The controlled values created for the schema also pose an issue (particularly the gender, age, and race elements,) because the selection of these values was directly influenced by the experience and knowledge of the small group of people who designed schema. The fixed lists likely do not capture all of the possible values for each element (particularly gender and race) and we continue to be uncertain about the usefulness of the four age categories. More attention should have been paid to these values during the design phase and any further edits to the schema should focus first on the usefulness of these controlled values.
Unfortunately, the NIEC project is no longer active and some of the WordPress website features, including the initial set of custom metadata facets, are no longer available as of 2017 (the videos and their metadata are still securely available in the DRS). The fact that some parts of the project portal are unusable just seven years after the project was initiated demonstrates the need to invest in long term preservation activities in addition to web publishing activities. To help project teams implement both the presentation and preservation aspects of their projects, Northeastern University Libraries has since developed a set of WordPress plugins to publish DRS materials to library-managed, sustainable WordPress sites for projects similar to NIEC to customize on their own. The project materials are stored securely in the DRS and NUL takes ownership of the WordPress site to make sure it remains usable (read more about CERES here: https://cerestoolkit.dsg.northeastern.edu/).

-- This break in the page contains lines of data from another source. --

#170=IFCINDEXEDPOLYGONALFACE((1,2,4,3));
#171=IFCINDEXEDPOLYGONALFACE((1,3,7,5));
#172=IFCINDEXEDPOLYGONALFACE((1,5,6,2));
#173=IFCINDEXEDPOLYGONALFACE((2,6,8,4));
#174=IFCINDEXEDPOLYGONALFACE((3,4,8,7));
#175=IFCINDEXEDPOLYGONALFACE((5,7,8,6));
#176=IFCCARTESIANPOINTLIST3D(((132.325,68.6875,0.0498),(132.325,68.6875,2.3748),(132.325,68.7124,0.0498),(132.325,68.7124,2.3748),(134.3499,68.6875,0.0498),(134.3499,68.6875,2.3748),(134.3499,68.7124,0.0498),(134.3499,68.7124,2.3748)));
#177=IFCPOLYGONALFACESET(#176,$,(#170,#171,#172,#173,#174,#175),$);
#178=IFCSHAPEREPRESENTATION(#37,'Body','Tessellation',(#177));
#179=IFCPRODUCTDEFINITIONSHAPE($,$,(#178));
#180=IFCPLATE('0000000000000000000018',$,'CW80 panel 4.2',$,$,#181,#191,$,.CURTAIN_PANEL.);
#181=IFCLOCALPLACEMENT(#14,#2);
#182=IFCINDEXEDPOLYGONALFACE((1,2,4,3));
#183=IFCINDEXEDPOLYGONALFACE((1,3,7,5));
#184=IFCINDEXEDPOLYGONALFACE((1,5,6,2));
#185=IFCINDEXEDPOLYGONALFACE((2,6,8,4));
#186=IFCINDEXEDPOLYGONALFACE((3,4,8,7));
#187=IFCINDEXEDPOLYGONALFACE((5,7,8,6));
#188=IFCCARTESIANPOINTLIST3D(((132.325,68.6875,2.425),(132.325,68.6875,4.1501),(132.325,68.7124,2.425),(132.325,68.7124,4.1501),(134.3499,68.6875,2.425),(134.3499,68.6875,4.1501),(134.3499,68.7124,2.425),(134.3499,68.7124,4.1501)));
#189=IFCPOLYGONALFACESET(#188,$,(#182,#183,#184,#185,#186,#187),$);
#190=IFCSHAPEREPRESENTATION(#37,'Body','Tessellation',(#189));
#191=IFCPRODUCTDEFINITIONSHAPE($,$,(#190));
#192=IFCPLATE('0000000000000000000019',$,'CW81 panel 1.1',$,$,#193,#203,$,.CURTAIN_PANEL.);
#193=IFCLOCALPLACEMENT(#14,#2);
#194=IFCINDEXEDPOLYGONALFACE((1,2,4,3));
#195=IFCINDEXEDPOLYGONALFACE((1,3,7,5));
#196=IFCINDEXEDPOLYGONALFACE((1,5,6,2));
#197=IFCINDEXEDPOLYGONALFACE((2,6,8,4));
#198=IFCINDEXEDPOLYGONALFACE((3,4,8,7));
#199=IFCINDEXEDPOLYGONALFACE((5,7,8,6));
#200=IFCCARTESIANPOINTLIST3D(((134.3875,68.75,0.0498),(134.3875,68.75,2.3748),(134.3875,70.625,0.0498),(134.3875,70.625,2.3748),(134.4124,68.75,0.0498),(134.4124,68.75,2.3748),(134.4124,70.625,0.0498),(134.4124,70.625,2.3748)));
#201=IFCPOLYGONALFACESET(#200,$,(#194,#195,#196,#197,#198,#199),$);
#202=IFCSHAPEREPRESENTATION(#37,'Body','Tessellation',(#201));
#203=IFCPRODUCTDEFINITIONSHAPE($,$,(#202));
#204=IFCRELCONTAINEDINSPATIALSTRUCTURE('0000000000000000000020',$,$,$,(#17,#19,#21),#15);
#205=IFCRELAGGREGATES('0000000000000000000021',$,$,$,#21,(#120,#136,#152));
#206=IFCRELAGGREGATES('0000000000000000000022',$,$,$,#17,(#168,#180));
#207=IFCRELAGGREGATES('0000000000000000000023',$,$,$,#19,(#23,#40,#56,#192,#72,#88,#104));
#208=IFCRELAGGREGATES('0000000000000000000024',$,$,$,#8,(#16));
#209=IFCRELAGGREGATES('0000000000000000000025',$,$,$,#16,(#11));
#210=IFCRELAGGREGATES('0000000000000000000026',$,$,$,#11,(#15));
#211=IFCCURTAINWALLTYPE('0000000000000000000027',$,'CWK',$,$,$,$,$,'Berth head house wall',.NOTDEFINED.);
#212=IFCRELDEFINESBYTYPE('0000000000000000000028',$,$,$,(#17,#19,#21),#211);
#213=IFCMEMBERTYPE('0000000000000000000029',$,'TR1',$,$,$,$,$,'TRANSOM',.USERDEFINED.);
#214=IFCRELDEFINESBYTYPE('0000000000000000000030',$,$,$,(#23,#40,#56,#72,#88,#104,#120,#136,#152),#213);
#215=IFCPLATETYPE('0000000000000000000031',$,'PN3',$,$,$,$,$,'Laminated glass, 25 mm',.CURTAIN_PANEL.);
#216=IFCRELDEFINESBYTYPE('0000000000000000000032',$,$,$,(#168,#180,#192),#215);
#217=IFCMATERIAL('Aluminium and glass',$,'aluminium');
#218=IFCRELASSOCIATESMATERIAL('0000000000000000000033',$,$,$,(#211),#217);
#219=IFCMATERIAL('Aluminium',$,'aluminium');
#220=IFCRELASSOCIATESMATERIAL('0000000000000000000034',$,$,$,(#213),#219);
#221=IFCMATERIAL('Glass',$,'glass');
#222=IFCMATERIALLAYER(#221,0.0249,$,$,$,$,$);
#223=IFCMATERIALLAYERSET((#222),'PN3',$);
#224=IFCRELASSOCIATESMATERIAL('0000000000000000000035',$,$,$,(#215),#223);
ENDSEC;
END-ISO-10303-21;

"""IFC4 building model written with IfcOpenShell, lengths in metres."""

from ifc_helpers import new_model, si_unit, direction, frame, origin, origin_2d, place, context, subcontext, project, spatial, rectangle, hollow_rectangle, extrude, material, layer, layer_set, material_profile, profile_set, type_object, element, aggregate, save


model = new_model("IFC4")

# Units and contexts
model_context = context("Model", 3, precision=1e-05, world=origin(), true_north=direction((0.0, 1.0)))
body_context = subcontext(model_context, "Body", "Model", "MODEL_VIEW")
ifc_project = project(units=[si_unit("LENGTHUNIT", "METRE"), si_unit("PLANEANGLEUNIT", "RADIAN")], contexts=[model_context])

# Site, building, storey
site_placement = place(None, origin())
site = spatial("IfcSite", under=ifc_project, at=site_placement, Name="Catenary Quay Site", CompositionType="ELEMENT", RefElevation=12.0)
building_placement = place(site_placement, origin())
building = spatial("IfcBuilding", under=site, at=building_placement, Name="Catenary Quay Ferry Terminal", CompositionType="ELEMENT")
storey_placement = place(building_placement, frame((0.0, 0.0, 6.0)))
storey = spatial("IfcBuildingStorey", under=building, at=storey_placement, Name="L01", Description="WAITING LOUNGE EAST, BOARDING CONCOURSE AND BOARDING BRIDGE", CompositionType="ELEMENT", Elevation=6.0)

Next Steps and Research Agenda
The NIEC was one of six federally funded interpreter education centers under the umbrella of the National Consortium of Interpreter Education Centers whose funding ran out in 2016. The project is no longer active or supported and no further work is planned. NUL still stores and maintains the NIEC files and metadata, but no other projects have used the NIEC schema to describe their materials. If the NIEC project is revived or if the NUL has the opportunity to support other videos with sign language, the next steps in the project would be:
- Find additional partners: A lack of awareness of the broader needs of sign language materials and their users is a large blindspot for this project. Any additional work to the schema would benefit from the perspective of more voices from the sign language community, including users and creators of sign language materials.
- Perform a usability study: As far as we are aware, no effort was made to solicit feedback from users about the metadata, facets, or the experience of searching or browsing these materials in the WordPress interface. Before the schema can be revised, its usefulness should be evaluated by performing a usability study on a revived or recreated version of the NIEC search and browse interface, paying particular attention to what terms and characteristics users expect to use when browsing a collection of sign language materials.
- Evaluate and revise the schema: The feedback gathered from the usability study should be used to evaluate and revise the existing schema: What elements or vocabulary values are not useful? Are some elements too strict or too flexible? What additional elements of description should be added to the schema? What should be removed?
- Document the schema: Currently, no formal documentation exists to describe the schema or how it can be used to describe sign language materials. Once the schema has been revised, it should be documented to the best of our ability (gathering as much from the original project team as possible) and shared widely.